Things to do: Compute the changes in thermodynamic quantities for the different processes, and check your results:
Number  How many moles of ideal gas are in this simulation? (This is, in fact, noted below the applet. Try to figure this out before looking.)
Isobaric  Compute the heat needed to raise the volume by 50 cc for a specific pressure and check your result. (Note: To set the pressure to something easy to work with, go to the isothermal process, grab the piston, and move it up or down until you obtain the pressure you desire. Then go back to the constant pressure process and clear the graph.) Note that the temperature can not be raised above 200 K by adding heat for this process. Next, compute the change in temperature if you increase the volume by 50 cc, by grabbing the piston and moving it.

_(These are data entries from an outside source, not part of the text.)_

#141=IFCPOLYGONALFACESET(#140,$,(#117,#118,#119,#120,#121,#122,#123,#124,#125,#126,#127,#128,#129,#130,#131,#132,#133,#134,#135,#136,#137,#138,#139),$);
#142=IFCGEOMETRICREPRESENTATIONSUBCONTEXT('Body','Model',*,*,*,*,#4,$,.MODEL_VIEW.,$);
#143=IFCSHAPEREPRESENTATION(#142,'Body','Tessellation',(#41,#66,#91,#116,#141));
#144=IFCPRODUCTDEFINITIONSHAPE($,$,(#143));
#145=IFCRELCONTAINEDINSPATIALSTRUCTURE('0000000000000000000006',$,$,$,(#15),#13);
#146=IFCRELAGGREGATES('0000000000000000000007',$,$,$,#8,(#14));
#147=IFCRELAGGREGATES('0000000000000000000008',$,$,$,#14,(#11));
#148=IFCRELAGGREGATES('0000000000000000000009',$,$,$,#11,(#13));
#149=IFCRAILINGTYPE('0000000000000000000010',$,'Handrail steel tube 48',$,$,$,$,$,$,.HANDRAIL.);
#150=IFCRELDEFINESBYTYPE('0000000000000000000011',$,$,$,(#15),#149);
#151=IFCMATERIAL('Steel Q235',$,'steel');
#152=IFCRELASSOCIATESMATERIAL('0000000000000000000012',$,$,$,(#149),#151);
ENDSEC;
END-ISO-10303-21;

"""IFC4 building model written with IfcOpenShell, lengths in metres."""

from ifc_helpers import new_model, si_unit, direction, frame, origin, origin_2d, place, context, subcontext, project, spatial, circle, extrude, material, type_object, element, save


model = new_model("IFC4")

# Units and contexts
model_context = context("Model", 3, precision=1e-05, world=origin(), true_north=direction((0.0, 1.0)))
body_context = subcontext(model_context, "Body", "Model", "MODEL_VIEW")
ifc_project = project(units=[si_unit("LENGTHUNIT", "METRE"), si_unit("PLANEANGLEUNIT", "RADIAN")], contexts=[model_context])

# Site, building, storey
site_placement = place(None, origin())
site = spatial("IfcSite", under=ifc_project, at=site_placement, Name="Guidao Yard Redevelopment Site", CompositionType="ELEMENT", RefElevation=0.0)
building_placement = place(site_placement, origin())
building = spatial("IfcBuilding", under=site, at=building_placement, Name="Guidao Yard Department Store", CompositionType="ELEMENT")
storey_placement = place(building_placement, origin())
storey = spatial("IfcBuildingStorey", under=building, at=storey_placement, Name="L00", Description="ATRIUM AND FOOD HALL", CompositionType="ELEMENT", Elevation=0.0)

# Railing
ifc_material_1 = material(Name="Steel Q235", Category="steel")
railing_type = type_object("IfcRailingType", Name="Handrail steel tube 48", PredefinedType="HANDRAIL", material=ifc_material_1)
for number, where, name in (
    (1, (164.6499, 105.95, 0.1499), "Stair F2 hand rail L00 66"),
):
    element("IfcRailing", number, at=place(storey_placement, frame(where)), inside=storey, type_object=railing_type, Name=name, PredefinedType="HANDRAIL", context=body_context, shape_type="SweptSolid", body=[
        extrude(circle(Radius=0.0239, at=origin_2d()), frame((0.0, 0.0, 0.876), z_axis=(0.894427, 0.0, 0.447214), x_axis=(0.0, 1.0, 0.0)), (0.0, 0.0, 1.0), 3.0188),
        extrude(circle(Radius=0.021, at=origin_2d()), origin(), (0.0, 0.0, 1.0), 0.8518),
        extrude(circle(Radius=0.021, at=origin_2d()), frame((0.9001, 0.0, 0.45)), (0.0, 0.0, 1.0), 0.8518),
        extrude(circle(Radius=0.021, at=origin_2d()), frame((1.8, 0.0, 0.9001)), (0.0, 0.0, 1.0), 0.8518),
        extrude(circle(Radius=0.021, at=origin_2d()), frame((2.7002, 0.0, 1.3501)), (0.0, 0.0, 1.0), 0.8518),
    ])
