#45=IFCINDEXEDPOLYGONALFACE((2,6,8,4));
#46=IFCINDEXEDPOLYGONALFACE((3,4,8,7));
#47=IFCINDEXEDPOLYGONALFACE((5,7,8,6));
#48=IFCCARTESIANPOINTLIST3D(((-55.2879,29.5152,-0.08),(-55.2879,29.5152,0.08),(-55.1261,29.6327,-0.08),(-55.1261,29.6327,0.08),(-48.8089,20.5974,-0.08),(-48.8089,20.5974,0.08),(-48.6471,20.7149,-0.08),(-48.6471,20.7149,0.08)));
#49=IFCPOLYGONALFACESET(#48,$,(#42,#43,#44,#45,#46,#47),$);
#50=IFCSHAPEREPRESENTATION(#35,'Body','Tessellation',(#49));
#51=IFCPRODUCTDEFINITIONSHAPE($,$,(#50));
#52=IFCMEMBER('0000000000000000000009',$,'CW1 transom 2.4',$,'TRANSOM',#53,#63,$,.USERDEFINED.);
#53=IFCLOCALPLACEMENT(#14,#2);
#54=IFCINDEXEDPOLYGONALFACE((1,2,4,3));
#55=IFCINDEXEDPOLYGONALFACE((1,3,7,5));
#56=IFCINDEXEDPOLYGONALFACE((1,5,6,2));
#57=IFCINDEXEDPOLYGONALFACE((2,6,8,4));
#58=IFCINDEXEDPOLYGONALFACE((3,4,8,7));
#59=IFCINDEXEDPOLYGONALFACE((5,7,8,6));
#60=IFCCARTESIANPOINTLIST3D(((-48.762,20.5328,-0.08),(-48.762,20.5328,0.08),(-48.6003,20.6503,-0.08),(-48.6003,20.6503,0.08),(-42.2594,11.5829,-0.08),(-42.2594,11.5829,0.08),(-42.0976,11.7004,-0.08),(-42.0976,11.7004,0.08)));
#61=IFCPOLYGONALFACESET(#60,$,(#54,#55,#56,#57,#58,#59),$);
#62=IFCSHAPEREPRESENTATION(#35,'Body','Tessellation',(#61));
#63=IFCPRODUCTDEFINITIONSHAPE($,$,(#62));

Isochoric  Compute the heat needed to raise the pressure by 30 kPa at constant volume and check your result. Again, you can set your starting point by moving the piston in an isothermal process and the temperature can not be raised above 200 K by adding heat for this process.
Isothermal  How much do you need to change the volume in order to double the pressure of the gas? How much heat is exchanged in this process? (Note: You can't really check this last question using the applet,
but you should be able to answer it.)
Adiabatic  How much do you need to change the volume in order to double the pressure of the gas? Why is this different from an isothermal process?
More difficult
Engine Design  Comput the endpoints (P, V, and T) of an engine with the following three processes: Isothermal expansion from V_{1} to 3 V_{1} (picking a fairly large initial value of P, around 120 kPa), Constant volume change in pressure, then adiabatic compression back to your original point. You need to compute the final pressure of the second step in order for the cycle to be closed. Use the applet to show that your result is correct.
How does working with a diatomic ideal gas change your answer? Show this.